I haven't plugged in the HazardChecker, but it's quite straightforward.
At that point, I'll have two competing scheduling constraints and will begin implementing a framework for balancing those constraints. I'll also add fuzzy constraints such as expected latency and other cpu resources. When I get to that point, I'll explain more, and I hope you and others will follow along and help with performance analysis and heuristics.
I will point out one important aspect of the design now. If scheduling is very important for your target's performance, and you are highly confident that you model your microarchitecture effectively and have just the right heuristics, then it might make sense to give the scheduler free reign to shuffle the instructions. The standard MachineScheduler will not make that assumption. It certainly can be tuned to be as aggressive as we like, but unless there is high level of confidence that reordering instructions will be beneficial, we don't want to do it. Rule #1 is not to follow blind heuristics that reschedule reasonable code into something pathologically bad. This notion of confidence is not something schedulers typically have, and is fundamental to the design.
For example, most schedulers have to deal with opposing constraints of register pressure and ILP. An aggressive way to deal with this is by running two separate scheduling passes. First top-down to find the optimal latency, then bottom-up to minimize resources needed to achieve that latency. Naturally, after the first pass, you've shuffled instructions beyond all recognition. Instead, we deal with this problem by scheduling in both directions simultaneously. At each point, we know which resources and constraints are likely to impact the cpu pipeline in both the top and bottom of the scheduling region. Doing this doesn't solve any fundamental problem, but it gives the scheduler great freedom at each point, including the freedom to do absolutely nothing, which is probably exactly what you want for a fair amount of X86 code.

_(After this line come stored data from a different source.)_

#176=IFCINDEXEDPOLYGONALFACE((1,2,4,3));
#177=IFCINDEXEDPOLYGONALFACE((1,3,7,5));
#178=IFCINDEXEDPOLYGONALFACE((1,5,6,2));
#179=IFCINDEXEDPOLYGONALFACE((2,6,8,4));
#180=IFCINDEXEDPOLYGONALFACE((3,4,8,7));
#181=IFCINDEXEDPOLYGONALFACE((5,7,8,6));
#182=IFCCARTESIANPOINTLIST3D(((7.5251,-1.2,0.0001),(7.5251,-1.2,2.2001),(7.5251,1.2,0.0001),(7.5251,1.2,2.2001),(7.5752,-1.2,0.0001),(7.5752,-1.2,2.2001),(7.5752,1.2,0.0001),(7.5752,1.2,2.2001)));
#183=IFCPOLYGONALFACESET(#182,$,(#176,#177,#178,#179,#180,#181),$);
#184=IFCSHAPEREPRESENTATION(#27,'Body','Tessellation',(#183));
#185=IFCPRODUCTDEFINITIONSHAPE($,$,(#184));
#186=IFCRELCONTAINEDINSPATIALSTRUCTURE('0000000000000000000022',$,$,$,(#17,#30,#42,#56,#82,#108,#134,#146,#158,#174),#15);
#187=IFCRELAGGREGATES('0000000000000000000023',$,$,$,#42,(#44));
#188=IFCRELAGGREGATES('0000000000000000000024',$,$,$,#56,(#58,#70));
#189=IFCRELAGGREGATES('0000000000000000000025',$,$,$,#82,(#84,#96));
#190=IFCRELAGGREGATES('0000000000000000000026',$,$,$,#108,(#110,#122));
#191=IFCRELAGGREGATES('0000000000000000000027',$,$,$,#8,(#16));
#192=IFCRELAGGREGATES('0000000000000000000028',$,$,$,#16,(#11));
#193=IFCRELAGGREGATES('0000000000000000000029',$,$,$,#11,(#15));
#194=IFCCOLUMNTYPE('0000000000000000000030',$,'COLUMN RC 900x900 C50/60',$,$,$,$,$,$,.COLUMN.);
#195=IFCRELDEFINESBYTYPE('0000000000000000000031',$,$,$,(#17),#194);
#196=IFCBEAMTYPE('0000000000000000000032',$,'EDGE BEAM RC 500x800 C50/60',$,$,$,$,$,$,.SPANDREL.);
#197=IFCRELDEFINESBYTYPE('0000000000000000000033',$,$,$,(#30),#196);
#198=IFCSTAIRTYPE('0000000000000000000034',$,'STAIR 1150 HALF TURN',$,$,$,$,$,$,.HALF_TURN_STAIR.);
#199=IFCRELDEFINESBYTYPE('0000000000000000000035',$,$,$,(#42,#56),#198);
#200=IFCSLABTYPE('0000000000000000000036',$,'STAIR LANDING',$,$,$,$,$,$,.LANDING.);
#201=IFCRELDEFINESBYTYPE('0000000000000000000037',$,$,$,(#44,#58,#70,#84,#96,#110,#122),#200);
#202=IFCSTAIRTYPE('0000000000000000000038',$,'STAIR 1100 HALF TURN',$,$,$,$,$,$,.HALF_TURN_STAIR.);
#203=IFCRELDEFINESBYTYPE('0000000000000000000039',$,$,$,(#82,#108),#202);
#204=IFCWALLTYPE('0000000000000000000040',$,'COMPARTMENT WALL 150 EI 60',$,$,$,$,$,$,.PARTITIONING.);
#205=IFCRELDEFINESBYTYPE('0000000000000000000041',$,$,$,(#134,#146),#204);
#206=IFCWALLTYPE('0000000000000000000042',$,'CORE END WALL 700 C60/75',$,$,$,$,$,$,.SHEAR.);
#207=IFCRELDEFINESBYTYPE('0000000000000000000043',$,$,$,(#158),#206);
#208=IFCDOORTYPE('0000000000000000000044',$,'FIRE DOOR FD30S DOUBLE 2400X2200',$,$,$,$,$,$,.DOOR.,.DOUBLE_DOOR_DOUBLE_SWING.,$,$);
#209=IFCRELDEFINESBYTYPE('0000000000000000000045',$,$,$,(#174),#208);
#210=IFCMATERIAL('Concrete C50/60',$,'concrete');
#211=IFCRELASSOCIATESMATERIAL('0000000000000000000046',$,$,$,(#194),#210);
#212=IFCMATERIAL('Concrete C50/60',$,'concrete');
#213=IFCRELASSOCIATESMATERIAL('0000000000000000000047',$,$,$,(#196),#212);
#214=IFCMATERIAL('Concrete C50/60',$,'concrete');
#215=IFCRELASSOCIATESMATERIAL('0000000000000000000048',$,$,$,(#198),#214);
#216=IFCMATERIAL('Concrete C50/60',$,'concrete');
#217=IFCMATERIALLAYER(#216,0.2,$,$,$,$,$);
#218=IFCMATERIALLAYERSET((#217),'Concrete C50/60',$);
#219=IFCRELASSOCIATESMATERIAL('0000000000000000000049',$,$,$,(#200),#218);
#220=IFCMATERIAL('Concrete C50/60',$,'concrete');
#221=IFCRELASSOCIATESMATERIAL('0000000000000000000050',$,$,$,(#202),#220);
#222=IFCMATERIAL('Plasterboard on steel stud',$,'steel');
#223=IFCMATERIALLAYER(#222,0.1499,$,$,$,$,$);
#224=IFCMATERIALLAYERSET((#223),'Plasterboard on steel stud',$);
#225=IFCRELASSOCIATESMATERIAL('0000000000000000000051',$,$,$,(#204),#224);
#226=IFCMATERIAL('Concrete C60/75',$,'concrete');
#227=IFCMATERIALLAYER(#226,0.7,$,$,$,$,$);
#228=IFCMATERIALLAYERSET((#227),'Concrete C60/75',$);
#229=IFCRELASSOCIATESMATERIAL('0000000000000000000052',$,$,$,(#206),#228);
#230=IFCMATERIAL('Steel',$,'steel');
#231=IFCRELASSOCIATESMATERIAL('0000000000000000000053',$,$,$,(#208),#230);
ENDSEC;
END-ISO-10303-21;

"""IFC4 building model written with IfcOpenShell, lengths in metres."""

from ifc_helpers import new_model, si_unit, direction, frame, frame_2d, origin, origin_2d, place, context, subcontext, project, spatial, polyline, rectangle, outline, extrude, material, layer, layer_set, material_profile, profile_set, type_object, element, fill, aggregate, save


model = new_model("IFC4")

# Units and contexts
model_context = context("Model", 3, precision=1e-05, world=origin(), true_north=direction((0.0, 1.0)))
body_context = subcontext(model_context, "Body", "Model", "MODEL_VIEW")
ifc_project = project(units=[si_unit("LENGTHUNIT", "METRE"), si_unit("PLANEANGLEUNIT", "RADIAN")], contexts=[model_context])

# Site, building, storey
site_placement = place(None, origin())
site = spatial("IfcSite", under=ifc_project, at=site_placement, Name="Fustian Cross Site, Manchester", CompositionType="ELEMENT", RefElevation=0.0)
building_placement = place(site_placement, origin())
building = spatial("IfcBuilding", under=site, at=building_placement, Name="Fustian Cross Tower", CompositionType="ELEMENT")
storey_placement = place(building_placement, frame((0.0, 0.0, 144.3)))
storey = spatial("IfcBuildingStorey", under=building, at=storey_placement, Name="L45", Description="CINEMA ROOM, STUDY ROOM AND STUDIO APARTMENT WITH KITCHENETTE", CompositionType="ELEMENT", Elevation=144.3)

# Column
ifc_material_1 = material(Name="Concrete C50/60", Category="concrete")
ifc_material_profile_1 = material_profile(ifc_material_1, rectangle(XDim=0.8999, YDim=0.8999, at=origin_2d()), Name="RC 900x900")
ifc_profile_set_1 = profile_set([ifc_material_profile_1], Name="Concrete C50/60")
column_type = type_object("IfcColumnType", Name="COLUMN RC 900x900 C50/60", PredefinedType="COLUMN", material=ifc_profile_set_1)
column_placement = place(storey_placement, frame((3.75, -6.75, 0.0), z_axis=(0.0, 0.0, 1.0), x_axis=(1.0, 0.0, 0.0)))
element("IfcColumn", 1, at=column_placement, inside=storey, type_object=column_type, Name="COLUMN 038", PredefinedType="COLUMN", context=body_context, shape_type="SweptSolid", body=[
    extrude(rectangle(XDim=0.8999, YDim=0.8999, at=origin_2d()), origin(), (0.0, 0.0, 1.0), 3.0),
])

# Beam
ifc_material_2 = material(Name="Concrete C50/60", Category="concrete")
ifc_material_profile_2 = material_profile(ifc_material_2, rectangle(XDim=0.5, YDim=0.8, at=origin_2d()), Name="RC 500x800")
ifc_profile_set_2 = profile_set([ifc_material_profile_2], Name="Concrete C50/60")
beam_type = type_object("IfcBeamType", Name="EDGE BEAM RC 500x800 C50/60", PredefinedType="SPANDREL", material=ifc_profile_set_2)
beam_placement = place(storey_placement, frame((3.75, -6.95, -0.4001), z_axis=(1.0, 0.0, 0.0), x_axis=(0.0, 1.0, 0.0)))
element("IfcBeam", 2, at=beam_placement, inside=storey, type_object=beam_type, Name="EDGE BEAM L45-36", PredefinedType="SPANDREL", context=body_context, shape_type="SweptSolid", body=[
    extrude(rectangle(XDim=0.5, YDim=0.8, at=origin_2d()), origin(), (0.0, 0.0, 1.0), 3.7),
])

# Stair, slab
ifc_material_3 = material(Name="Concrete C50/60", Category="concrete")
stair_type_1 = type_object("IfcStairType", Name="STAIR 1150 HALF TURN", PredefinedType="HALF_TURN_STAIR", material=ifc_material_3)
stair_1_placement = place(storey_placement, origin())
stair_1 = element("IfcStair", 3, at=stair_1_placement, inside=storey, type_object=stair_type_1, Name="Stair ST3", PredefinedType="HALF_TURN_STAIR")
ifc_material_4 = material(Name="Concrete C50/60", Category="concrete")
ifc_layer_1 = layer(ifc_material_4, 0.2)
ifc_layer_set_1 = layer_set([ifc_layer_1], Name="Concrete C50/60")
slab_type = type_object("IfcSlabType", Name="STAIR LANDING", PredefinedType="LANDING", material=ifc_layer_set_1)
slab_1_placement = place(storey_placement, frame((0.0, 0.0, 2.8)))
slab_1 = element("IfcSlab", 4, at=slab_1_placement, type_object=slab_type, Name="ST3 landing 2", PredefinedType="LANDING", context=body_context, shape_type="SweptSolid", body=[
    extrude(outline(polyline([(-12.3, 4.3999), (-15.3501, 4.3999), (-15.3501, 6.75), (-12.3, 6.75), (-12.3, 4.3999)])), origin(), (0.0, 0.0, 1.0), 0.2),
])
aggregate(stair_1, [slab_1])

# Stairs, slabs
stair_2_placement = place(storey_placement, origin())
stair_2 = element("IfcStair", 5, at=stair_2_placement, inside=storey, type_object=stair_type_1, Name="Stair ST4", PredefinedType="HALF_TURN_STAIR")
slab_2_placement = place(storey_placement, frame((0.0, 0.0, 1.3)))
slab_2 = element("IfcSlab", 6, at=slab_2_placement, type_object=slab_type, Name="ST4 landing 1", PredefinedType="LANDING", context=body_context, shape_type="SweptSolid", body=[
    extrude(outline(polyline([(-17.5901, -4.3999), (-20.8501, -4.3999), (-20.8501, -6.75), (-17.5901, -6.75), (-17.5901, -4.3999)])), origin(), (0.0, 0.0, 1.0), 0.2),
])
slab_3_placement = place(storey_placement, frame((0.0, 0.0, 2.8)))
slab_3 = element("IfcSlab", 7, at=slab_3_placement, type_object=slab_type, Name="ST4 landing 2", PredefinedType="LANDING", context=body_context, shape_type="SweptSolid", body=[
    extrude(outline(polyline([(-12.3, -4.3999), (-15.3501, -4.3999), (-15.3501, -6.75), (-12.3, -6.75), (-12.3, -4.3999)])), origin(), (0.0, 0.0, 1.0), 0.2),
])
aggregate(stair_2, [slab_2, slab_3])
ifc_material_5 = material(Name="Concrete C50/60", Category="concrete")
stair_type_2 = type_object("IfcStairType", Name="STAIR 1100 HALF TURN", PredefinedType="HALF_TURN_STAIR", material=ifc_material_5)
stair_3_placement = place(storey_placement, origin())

- New target description feature: buffered resources
- Modeling min latency, expected latency, and resources constraints
Can you comment on how min and expected latency will be used in the
In the new scheduler's terminology, min latency is an interlocked resource, and expected latency is a buffered resource. Interlocked resources are used to form instruction groups (for performance only, not correctness). For out-of-order targets with register rename, we can use zero-cycle min latency so there is no interlock within an issue groups. Instead we know expected latency of the scheduled instructions relative to the critical path. We can balance the schedule so that neither the expected latency of the top nor bottom scheduled instructions exceed the overall critical path. This way, we will slice up two very long independent chains into neat chunks, instead of the random shuffling that we do today.

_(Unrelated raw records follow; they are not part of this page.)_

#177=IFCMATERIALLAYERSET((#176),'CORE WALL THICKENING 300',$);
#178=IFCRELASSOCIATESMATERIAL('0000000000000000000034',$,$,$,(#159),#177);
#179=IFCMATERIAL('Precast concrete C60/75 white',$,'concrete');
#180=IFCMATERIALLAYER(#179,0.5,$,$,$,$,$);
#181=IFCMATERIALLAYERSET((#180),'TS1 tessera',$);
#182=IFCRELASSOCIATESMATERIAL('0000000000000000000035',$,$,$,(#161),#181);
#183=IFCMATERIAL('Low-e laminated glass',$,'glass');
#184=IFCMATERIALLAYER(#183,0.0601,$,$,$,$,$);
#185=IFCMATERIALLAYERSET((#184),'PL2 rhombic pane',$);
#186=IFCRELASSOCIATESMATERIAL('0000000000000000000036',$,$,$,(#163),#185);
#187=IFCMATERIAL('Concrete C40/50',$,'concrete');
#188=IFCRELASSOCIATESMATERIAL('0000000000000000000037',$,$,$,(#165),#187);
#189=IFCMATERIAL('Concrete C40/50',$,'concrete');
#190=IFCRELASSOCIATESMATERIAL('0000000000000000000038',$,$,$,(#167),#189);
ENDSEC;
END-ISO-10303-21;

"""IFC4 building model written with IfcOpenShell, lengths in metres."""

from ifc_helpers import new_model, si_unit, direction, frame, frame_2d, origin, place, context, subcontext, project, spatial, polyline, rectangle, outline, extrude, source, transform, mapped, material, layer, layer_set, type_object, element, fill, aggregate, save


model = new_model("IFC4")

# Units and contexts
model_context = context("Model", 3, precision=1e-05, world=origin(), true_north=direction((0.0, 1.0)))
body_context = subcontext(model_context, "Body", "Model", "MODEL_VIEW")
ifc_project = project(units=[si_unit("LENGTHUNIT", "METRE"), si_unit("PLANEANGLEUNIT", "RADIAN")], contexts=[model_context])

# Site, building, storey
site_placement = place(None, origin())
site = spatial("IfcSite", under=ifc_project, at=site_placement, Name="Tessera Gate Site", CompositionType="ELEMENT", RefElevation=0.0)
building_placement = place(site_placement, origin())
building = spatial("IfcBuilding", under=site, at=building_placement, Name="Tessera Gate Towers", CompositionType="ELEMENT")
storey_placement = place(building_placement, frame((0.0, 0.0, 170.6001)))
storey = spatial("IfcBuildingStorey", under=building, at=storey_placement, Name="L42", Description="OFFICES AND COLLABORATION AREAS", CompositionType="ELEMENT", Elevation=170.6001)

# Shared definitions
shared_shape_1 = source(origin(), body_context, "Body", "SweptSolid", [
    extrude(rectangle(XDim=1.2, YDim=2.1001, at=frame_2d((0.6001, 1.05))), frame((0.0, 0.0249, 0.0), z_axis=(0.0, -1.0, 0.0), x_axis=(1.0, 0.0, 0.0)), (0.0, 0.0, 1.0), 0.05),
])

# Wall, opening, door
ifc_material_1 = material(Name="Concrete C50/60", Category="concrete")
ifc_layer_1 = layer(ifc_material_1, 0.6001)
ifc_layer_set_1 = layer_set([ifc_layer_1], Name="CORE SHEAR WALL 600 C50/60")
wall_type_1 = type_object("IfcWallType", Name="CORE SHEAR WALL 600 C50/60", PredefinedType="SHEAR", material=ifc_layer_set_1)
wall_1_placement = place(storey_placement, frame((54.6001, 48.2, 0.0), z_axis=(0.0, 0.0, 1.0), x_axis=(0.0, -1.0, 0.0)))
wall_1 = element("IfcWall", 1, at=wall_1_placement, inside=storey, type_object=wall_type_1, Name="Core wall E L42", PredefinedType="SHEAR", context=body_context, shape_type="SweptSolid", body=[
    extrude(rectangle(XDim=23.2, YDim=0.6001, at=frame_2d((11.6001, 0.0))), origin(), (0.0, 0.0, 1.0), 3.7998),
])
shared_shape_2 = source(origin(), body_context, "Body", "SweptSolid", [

- Heuristics that balance interlocks, regpressure, latency and
For targets where scheduling is critical, I encourage developers who
stay in sync with trunk to write their own target-specific scheduler
based on the pieces that are already available. Hexagon developers
are doing this now. The LLVM toolkit for scheduling is all there--not
perfect, but ready for developers.
- Pluggable MachineScheduler pass
- Scheduling DAG
- LiveInterval Update
- RegisterPressure tracking
- InstructionItinerary and HazardChecker (to be extended)
If you would simply like improved X86 scheduling without rolling your
own, then providing feedback and test cases is useful so we can
incorporate improvements into the standard scheduler while it's being
Does this mean that we're going to see a new X86 scheduling paradigm,
or is the existing ILP heuristic, in large part, expected to stay?
It's a new paradigm but not a change in focus--we're not modeling the microarchitecture in any greater detail. Although other contributors are encouraged to do that.
Both schedulers will be supported for a time. In fact it will make sense to run both in the same compile, until MISched is good enough to take over. It will be easy to determine when one scheduler is doing better than the other. I'm relying on you to tell me when it's doing the wrong thing.